# Acoustic control in a new control room



## Guest (Nov 7, 2006)

Hi,
I'm writing here about sound control, in another thread about sound insulation for the same studio.

We are going to build our new studio (it will be for commercial purposes) and we had a rather low budget, so we decided to design and build acoustic control by ourselves.
I' am an engineer but I hadn't specific experience, so I had to look for docs and study and experiment.
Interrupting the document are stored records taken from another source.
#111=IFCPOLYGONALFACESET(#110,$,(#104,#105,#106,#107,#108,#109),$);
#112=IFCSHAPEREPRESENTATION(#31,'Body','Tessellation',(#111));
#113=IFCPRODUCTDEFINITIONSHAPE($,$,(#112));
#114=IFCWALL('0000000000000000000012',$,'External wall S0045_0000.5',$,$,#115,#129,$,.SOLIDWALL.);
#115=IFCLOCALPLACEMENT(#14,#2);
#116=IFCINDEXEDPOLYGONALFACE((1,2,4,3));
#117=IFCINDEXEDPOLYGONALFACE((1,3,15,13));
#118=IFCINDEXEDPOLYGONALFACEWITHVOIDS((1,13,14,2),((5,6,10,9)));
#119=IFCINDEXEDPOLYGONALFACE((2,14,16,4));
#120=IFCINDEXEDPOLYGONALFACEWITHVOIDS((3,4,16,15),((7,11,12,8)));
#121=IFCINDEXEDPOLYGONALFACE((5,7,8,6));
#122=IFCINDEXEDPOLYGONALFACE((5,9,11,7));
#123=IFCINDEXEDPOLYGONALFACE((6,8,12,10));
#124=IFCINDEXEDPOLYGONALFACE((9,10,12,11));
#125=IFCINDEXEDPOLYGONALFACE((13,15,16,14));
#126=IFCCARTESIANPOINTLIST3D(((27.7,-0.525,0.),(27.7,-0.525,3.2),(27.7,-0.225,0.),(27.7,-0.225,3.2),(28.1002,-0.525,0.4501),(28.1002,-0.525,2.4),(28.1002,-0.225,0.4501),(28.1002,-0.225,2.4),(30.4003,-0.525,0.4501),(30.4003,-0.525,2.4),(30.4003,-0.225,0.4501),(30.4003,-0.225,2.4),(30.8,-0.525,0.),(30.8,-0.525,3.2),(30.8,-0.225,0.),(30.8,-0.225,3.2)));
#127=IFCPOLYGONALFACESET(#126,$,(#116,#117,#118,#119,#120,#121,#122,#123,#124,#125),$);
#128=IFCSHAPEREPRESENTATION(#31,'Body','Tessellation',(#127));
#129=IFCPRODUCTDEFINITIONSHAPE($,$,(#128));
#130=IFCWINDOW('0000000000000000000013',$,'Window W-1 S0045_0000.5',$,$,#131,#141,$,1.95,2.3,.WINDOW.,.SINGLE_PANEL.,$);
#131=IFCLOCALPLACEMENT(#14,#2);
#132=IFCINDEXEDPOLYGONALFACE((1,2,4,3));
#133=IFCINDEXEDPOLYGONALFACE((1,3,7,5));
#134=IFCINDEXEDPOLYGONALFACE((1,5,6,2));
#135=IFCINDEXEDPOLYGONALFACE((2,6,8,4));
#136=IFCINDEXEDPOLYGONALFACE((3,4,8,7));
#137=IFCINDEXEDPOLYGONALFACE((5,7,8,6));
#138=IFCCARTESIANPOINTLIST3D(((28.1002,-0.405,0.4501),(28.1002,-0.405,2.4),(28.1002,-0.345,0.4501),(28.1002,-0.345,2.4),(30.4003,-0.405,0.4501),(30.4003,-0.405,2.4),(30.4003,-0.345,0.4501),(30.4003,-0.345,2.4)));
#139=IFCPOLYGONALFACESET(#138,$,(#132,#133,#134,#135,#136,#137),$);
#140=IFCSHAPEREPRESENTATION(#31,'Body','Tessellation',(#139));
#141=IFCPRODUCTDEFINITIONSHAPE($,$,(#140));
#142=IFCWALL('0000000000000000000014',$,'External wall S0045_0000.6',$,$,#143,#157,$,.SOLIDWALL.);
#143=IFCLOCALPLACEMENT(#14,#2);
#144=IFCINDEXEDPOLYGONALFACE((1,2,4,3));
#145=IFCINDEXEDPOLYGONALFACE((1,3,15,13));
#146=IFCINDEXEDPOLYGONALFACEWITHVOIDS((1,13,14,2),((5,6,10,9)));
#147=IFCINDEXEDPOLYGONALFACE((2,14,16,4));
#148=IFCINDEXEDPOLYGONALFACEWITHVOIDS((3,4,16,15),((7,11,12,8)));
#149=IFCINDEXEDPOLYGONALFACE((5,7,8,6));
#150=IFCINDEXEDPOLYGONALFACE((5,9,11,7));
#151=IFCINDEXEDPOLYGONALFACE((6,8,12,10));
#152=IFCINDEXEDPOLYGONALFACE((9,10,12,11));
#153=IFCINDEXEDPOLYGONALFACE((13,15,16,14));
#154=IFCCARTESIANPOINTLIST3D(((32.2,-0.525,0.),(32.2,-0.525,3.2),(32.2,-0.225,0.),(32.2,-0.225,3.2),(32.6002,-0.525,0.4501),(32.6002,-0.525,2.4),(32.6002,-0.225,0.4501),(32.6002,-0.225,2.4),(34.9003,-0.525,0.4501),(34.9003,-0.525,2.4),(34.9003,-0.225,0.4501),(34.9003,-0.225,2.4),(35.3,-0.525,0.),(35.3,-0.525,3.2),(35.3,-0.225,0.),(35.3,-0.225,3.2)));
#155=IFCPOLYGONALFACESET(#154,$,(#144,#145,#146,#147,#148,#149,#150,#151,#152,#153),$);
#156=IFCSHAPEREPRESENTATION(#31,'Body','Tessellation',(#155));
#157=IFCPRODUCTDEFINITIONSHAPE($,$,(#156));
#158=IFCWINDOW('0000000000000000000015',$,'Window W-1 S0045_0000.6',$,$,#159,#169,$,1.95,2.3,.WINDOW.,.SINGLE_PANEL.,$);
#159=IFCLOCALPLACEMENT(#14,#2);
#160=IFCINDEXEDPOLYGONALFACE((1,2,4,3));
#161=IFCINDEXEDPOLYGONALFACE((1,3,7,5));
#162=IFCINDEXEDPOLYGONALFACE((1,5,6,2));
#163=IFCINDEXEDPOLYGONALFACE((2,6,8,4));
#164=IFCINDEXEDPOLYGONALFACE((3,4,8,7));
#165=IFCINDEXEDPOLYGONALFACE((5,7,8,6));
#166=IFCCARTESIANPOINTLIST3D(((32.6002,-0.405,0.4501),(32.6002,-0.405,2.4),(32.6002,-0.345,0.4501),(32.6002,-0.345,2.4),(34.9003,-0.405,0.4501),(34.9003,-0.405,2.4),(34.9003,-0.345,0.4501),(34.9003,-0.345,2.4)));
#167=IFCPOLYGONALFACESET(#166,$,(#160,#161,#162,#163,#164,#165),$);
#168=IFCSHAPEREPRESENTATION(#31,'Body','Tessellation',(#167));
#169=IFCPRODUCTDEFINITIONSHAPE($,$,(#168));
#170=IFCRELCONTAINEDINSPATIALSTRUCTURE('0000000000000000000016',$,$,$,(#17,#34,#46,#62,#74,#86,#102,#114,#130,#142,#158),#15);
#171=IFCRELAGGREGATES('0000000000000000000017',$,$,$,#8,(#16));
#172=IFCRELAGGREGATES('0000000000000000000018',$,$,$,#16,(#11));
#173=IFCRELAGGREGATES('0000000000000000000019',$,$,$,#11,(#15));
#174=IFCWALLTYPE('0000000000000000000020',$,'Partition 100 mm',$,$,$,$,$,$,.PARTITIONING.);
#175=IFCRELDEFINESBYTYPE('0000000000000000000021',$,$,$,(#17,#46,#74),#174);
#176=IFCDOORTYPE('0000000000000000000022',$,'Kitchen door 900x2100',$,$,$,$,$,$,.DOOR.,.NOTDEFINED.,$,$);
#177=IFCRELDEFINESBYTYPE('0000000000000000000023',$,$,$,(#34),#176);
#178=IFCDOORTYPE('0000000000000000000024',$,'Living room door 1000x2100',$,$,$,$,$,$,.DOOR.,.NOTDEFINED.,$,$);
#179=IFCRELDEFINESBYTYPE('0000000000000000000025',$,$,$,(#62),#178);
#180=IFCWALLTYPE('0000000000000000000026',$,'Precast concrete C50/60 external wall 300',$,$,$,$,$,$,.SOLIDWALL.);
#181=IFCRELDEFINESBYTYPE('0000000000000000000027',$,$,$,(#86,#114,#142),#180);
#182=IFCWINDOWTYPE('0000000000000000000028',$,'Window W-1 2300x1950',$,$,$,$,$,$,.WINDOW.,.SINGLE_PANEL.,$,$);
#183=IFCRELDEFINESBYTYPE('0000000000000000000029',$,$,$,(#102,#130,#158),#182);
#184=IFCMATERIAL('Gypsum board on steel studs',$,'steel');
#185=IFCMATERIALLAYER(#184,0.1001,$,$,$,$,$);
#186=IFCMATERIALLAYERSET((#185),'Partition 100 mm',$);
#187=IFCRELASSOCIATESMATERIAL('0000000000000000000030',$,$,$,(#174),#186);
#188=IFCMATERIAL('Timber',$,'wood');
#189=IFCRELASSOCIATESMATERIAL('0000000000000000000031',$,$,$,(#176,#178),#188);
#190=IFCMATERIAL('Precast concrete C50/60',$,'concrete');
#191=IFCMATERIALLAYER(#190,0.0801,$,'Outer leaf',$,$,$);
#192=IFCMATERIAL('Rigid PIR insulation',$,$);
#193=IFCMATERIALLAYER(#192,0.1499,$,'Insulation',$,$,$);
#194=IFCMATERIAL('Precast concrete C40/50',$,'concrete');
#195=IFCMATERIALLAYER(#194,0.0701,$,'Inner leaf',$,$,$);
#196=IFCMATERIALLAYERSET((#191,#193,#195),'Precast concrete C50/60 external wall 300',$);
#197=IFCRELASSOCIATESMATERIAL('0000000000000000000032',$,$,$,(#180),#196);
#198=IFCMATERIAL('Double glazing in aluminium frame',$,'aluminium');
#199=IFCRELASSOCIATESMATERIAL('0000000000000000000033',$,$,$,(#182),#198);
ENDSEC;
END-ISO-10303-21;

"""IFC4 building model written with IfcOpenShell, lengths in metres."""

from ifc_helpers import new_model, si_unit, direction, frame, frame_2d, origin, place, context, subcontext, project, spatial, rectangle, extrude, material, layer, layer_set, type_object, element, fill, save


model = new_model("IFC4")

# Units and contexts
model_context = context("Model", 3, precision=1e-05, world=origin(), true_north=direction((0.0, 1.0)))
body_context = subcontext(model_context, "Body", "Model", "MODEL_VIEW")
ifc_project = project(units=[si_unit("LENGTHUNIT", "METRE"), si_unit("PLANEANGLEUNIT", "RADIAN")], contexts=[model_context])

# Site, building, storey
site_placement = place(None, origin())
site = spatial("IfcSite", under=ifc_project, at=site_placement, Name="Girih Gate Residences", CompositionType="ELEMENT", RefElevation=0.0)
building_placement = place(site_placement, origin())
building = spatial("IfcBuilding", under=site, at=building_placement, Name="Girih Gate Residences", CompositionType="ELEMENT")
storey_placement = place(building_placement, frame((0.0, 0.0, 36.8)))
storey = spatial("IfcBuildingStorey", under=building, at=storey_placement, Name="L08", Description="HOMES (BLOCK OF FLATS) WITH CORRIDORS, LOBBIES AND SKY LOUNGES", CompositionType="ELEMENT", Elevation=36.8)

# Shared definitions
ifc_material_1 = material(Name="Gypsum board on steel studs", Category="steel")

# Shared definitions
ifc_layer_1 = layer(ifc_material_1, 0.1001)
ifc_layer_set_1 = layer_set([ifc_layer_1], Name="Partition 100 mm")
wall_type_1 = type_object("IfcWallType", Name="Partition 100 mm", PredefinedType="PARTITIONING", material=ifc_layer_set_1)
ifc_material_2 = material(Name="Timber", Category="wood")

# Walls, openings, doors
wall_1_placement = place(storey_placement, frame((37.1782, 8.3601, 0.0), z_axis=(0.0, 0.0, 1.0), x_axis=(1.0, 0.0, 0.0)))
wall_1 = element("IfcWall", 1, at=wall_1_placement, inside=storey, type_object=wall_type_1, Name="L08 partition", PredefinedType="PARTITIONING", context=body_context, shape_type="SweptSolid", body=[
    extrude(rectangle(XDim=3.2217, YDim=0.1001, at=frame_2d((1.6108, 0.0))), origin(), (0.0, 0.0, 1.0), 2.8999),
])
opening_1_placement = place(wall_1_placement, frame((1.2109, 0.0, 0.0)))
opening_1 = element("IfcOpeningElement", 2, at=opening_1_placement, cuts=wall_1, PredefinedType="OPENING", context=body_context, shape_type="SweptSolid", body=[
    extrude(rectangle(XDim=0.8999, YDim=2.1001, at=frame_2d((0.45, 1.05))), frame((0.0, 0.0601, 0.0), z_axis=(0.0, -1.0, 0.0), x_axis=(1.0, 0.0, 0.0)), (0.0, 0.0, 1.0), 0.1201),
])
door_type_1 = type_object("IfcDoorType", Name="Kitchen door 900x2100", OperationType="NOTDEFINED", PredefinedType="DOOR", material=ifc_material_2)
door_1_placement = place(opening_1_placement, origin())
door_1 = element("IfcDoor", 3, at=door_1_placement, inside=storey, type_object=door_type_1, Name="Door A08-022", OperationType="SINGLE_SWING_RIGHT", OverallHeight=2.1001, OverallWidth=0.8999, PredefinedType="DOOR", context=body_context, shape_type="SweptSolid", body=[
This is how we are going to arrange the room:

- resonant panels
- 1D prime roots diffusers
- 2D prime roots diffusers
- absorbing panels

We will build the resonant panels by means of a wooden frame with rockwool suspended inside and 4mm to 6mm wood ply
Two different kinds for different low frequency bands

1D prime roots diffusers are the ones with several vertical strips each one at a different height (sorry if it is obvious)
2D prime roots diffusers are the ones with many small squares at different heights

absorbing panels are rockwool panels in a wooden frame, covered with fabric and differently spaced from the wall

We are going to place:

- resonating panels near corners
- 1D prd at right and left of listening point
- 2D prd overhead and on the wall behind the listening point
- absorbing panels in some point to be defined while measuring the room response

I've designed the prime roots diffusers, rights souldn't be a concern as long as we don't copy particular solution from patents...

I'll be able to upload some drawings/snapshots in a while on www.skstudio.it

Any comment/advice is very welcome and I'll be happy to answer to any question (as long as I'm able to...). i love internet collaboration...

Quinto


----------